Figure 7. Spt6 dysfunction provokes G1/S defects and lowers cell viability in combination with rad53K227A.

(A) Strains FY120, FY2180, VO1, VO3, DMY5, VO4, VO2, DMY6, DMY7, and DMY8 were grown in YPD at 25°C, spotted onto YPD plates and incubated for three days at the indicated temperature. (B) The wild-type (FY120), spt16-197 (FY348), and spt6-1004 (FY2180) cells exponentially growing in YPD at 25°C, were shifted for two hours at the indicated temperatures. Samples were then taken to analyze the DNA content by flow cytometry. (C) The wild-type (FY120) and spt6-1004 (FY2180) cells were synchronized at START by alpha-factor treatment for 2h at 25°C, followed by an additional one hour at 37°C in the presence of the mating pheromone. Cells were then released from the G1-arrest at time 0 at 37°C by washing out the alpha-factor. Samples were taken at the different time points to analyze the DNA content by flow cytometry and to measure the proportion of unbudded cells by microscopy. (D) The mRNA levels of CLN3 and CLN3pr::lacZ in spt6-1004. The wild-type (FY120) and spt6-1004 (FY2180) cells were transformed with the plasmids bearing the CLN3pr::lacZ fusion number 1 (see Figure 2A) or ADH1pr::lacZ. These transformants were grown until the mid-log phase (AS) and were alpha factor-synchronyzed at 25°C (START), followed by one additional hour at 37°C in the continued presence of pheromone. The RNA samples were taken to analyze the transcript levels. mRNAs were quantified by Northern blot analysis. The results of a typical experiment and the average quantification of three independent experiments are shown. The CLN3 mRNA levels were normalized to ADH1, and the values of each strain at 37°C were represented in relation to 25°C.

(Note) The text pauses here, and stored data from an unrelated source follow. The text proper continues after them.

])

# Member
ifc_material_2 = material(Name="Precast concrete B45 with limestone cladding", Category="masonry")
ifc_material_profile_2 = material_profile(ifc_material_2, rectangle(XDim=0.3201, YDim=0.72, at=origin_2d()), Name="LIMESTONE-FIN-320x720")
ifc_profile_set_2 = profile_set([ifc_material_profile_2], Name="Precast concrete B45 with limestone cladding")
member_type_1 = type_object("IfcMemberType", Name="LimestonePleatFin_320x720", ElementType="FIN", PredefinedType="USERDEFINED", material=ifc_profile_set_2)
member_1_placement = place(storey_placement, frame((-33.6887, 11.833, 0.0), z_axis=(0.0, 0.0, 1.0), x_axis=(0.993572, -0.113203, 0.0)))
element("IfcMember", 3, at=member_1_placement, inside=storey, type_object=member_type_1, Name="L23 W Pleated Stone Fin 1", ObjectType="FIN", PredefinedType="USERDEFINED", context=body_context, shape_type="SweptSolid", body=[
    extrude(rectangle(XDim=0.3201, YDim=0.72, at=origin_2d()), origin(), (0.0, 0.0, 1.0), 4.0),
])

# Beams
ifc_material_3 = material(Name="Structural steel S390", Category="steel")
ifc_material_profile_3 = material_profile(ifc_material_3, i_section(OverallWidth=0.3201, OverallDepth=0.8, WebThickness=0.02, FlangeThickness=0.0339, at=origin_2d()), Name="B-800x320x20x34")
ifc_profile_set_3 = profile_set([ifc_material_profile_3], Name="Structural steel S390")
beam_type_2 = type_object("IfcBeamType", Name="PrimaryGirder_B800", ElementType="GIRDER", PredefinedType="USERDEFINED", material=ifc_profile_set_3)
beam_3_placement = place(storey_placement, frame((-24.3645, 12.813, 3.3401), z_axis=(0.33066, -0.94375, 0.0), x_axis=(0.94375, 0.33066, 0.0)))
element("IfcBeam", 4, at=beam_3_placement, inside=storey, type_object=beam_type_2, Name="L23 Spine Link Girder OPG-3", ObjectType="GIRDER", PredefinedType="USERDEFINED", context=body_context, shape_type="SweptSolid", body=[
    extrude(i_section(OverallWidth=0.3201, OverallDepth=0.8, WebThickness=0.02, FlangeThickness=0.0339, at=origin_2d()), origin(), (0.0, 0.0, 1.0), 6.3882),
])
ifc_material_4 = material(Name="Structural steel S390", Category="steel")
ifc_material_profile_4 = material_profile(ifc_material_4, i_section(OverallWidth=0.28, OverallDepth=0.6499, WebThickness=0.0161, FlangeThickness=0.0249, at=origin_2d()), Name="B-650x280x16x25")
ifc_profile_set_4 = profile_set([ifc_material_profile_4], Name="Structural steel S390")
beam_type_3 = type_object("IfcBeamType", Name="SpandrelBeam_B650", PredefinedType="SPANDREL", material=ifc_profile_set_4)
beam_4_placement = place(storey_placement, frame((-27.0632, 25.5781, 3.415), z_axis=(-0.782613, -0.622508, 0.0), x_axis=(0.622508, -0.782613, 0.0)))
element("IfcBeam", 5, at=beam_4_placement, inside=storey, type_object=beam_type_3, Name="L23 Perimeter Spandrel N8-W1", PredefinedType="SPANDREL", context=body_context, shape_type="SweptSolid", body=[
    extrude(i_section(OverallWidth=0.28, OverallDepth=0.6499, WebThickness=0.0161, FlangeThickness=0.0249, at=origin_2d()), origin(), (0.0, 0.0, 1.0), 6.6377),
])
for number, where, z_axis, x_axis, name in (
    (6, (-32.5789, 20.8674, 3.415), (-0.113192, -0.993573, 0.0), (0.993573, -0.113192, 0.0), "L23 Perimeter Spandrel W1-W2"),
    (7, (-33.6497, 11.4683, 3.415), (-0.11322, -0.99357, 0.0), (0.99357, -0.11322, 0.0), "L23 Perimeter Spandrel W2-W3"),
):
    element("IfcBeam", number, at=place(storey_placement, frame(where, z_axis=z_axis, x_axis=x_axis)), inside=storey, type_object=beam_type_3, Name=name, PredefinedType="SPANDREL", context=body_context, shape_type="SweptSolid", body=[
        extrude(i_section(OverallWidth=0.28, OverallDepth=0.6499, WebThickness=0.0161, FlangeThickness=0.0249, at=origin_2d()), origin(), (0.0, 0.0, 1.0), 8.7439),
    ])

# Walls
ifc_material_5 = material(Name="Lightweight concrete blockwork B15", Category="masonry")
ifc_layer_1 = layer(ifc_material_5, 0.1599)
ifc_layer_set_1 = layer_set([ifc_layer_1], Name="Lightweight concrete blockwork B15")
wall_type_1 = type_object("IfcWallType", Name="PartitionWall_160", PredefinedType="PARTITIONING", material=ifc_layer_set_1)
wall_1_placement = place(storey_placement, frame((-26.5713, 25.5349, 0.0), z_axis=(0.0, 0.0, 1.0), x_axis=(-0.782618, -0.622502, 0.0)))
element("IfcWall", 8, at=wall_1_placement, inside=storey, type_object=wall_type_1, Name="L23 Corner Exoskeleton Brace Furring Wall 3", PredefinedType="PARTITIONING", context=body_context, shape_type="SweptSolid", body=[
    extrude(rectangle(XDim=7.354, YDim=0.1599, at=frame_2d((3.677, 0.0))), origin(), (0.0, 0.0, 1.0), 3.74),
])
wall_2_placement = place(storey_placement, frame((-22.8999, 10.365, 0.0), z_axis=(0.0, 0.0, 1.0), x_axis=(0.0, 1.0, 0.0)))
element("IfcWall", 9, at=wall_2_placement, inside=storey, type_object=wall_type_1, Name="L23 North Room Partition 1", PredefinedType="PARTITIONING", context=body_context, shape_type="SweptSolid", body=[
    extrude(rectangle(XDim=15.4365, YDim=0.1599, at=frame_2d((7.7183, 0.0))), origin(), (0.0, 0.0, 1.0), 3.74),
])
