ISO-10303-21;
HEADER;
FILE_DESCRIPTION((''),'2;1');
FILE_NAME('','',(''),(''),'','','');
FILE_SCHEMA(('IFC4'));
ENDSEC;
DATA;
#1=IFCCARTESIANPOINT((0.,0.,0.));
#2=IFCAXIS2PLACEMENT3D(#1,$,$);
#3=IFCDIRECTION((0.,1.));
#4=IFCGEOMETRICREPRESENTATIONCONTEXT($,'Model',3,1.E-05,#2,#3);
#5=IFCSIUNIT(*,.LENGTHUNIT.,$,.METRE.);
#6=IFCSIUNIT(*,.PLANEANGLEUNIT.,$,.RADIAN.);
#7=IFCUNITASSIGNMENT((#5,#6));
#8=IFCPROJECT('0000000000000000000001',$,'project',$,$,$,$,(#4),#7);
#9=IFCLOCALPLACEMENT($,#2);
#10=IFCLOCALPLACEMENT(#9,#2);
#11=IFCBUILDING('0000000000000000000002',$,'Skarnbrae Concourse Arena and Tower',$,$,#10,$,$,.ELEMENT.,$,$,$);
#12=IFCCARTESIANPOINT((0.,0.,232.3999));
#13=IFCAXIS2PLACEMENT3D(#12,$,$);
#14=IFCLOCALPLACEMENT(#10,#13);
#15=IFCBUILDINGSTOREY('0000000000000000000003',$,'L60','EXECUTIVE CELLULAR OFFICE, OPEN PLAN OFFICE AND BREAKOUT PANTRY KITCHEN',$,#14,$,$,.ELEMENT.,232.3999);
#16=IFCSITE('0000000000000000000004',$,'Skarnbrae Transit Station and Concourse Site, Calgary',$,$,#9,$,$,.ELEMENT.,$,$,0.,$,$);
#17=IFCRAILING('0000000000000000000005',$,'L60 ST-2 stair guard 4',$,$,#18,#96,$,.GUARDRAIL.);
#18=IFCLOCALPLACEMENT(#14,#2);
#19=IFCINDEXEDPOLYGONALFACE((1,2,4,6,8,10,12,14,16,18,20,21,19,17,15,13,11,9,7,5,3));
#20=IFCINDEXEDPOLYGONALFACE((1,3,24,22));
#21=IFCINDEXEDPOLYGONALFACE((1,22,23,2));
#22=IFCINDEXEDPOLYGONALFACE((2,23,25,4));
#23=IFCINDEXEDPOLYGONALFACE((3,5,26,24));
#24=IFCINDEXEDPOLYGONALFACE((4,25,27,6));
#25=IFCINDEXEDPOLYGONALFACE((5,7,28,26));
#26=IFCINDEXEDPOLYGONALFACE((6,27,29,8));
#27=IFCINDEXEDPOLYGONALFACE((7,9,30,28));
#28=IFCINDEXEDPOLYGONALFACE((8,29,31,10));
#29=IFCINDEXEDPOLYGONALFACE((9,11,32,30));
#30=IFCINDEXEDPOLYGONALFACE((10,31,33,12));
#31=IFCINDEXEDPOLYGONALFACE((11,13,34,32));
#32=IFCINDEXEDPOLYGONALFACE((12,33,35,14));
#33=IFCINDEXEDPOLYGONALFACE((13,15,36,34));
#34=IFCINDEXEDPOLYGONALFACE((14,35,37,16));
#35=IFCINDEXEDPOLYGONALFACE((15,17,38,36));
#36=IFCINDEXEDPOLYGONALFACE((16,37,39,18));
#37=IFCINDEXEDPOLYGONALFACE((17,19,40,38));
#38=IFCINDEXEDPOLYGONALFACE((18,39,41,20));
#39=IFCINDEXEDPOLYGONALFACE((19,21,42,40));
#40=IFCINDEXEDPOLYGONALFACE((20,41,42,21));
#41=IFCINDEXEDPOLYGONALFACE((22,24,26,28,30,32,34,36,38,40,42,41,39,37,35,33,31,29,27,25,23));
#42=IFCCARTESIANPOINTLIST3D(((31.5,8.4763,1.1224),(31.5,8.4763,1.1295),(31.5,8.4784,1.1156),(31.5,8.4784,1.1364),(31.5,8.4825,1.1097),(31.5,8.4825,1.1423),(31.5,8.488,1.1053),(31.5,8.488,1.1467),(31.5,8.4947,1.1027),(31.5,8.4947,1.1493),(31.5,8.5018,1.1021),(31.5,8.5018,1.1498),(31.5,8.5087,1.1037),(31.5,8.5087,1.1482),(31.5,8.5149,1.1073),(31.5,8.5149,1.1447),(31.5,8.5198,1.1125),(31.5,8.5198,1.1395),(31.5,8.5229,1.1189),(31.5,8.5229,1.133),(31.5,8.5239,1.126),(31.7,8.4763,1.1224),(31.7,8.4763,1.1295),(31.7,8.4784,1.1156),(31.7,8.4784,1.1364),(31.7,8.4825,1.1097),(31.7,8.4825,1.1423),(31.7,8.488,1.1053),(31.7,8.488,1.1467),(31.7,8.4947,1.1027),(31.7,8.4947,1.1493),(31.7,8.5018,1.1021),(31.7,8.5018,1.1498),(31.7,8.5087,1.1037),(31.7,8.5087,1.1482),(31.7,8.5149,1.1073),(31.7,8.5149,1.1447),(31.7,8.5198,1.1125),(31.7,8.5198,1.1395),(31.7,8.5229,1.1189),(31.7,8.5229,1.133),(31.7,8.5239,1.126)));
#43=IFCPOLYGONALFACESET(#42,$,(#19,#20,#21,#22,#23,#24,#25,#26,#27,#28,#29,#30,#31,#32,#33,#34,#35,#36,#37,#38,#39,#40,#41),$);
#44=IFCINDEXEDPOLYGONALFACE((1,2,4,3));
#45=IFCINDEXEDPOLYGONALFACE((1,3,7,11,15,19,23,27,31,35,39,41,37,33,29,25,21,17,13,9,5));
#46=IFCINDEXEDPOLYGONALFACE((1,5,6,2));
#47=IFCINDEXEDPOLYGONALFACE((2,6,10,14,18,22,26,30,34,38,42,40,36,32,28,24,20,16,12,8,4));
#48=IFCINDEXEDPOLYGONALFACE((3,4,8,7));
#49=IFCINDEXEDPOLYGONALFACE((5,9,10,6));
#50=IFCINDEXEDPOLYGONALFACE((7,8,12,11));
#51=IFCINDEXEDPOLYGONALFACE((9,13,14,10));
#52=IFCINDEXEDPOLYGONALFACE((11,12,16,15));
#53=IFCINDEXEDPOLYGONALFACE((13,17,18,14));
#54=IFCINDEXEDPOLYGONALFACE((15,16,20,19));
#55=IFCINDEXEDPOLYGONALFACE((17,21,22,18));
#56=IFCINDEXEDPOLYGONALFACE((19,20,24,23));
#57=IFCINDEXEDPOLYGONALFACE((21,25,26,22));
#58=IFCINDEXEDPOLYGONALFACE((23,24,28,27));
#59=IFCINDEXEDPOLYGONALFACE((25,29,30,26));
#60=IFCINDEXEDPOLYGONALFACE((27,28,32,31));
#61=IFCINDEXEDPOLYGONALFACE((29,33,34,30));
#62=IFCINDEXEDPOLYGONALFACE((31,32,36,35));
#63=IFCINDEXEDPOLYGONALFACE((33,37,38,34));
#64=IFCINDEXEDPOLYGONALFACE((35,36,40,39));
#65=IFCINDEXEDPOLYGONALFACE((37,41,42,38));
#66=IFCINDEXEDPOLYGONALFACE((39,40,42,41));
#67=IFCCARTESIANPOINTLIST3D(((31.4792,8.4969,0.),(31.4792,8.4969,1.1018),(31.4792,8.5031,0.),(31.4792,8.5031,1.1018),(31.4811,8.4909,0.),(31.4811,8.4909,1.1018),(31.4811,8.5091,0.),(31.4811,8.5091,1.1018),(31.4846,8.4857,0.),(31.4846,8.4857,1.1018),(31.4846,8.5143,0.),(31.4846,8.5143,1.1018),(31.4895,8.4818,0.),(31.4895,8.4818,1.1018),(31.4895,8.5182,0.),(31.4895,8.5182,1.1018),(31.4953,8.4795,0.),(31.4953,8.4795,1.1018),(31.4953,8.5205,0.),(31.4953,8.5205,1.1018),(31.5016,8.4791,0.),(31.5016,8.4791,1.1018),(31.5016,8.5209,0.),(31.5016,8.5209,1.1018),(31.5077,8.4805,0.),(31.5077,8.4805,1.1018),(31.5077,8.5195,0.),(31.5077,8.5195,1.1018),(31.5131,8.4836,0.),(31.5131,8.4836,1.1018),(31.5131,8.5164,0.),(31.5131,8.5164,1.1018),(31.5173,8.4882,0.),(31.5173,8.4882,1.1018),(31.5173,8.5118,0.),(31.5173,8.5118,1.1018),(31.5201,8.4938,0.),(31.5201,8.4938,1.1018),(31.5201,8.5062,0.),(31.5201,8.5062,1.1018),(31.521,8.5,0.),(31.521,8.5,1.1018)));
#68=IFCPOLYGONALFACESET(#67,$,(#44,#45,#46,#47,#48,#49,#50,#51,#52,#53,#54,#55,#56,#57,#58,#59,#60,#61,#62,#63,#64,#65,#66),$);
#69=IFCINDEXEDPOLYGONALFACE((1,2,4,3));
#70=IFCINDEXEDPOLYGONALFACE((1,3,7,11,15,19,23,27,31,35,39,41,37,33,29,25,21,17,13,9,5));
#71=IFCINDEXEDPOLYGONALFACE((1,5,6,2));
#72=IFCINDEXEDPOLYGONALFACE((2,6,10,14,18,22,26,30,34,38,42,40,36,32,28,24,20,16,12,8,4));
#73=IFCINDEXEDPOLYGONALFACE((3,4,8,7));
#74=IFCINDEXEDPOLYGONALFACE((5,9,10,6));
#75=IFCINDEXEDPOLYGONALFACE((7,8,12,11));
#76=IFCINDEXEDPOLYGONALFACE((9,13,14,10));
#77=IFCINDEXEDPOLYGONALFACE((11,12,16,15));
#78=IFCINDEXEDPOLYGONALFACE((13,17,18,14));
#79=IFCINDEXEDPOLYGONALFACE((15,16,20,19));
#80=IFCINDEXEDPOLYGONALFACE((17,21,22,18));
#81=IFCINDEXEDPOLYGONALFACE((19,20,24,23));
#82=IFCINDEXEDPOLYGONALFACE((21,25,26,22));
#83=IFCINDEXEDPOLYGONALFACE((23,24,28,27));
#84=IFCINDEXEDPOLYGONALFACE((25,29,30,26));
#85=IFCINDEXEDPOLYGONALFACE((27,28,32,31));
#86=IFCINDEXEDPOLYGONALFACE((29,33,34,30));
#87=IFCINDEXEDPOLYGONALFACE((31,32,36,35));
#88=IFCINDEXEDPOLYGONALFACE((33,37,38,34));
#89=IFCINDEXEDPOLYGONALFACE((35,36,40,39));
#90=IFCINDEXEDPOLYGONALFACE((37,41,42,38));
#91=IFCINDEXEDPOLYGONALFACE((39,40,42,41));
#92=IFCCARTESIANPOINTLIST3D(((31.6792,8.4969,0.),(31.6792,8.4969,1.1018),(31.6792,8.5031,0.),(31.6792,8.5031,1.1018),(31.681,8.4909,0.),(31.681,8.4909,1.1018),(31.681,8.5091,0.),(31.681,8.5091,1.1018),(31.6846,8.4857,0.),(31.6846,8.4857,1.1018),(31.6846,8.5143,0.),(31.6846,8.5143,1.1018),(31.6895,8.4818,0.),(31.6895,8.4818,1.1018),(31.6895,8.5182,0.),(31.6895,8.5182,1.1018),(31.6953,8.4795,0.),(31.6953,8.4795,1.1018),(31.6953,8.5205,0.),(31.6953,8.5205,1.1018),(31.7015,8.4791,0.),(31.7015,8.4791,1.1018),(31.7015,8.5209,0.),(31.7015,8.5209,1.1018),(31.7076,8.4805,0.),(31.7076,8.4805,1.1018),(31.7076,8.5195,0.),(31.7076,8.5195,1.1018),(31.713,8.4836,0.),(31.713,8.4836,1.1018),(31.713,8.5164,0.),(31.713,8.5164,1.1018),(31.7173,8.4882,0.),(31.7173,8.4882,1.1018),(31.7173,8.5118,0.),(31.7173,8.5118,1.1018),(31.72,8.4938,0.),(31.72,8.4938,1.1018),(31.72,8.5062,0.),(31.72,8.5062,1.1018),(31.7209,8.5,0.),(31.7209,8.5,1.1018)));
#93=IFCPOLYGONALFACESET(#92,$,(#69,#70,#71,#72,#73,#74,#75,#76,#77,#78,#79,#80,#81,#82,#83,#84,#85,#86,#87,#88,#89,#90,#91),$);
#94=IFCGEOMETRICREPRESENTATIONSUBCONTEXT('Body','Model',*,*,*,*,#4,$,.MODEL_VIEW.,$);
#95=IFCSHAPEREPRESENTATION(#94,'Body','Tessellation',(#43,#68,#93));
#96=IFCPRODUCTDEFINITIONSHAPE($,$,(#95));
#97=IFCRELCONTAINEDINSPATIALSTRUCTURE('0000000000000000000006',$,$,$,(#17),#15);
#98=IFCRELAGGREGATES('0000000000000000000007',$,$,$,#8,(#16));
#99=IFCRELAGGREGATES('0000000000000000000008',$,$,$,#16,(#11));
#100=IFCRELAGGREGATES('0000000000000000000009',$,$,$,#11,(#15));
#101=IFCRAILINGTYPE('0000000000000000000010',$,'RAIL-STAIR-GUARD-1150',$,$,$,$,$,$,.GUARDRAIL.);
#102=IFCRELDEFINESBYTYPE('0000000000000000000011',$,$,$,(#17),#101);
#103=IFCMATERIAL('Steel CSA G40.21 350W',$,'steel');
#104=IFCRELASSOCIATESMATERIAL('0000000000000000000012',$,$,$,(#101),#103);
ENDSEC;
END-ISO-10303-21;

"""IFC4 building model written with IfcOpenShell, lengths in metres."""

from ifc_helpers import new_model, si_unit, direction, frame, origin, origin_2d, place, context, subcontext, project, spatial, circle, extrude, material, type_object, element, save


model = new_model("IFC4")

# Units and contexts
model_context = context("Model", 3, precision=1e-05, world=origin(), true_north=direction((0.0, 1.0)))
body_context = subcontext(model_context, "Body", "Model", "MODEL_VIEW")
ifc_project = project(units=[si_unit("LENGTHUNIT", "METRE"), si_unit("PLANEANGLEUNIT", "RADIAN")], contexts=[model_context])

# Site, building, storey
site_placement = place(None, origin())
site = spatial("IfcSite", under=ifc_project, at=site_placement, Name="Skarnbrae Transit Station and Concourse Site, Calgary", CompositionType="ELEMENT", RefElevation=0.0)
building_placement = place(site_placement, origin())
building = spatial("IfcBuilding", under=site, at=building_placement, Name="Skarnbrae Concourse Arena and Tower", CompositionType="ELEMENT")
storey_placement = place(building_placement, frame((0.0, 0.0, 232.3999)))
storey = spatial("IfcBuildingStorey", under=building, at=storey_placement, Name="L60", Description="EXECUTIVE CELLULAR OFFICE, OPEN PLAN OFFICE AND BREAKOUT PANTRY KITCHEN", CompositionType="ELEMENT", Elevation=232.3999)

# Shared definitions
ifc_material_1 = material(Name="Steel CSA G40.21 350W", Category="steel")

# Railing
railing_type = type_object("IfcRailingType", Name="RAIL-STAIR-GUARD-1150", PredefinedType="GUARDRAIL", material=ifc_material_1)
railing_1_placement = place(storey_placement, frame((31.5, 8.5, 0.0)))
element("IfcRailing", 1, at=railing_1_placement, inside=storey, type_object=railing_type, Name="L60 ST-2 stair guard 4", PredefinedType="GUARDRAIL", context=body_context, shape_type="SweptSolid", body=[
    extrude(circle(Radius=0.0239, at=origin_2d()), frame((0.0, 0.0, 1.126), z_axis=(1.0, 0.0, 0.0), x_axis=(0.0, 1.0, 0.0)), (0.0, 0.0, 1.0), 0.2),
    extrude(circle(Radius=0.021, at=origin_2d()), origin(), (0.0, 0.0, 1.0), 1.1018),
    extrude(circle(Radius=0.021, at=origin_2d()), frame((0.2, 0.0, 0.0)), (0.0, 0.0, 1.0), 1.1018),
])

save(model, "model.ifc")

Figure 8. The overexpression of histones in the wild-type cells induces G1 delay.

(A) Wild-type cells were transformed with pRS316 (empty vector) or with the analogous centromeric plasmids expressing either HTA1–HTB1 or a mutant version of this locus lacking the sequence that mediates its transcriptional repression in response to the free histones (HTA1–HTB1ΔNEG). The transformants were grown exponentially in a selective medium (AS), synchronized at START by treatment with alpha-factor for two hours (ST) and released from the arrest by washing out the alpha-factor. Samples were then taken at the different time points to analyze the DNA content by flow cytometry and the proportion of unbudded cells by microscopy. (B) Aliquots from the synchronized cells used in (A) were taken to analyze the CLN3 mRNA levels in START by Northern blot. The results of a typical experiment and the average quantification of three independent experiments are shown. The CLN3 mRNA levels have been normalized to ADH1.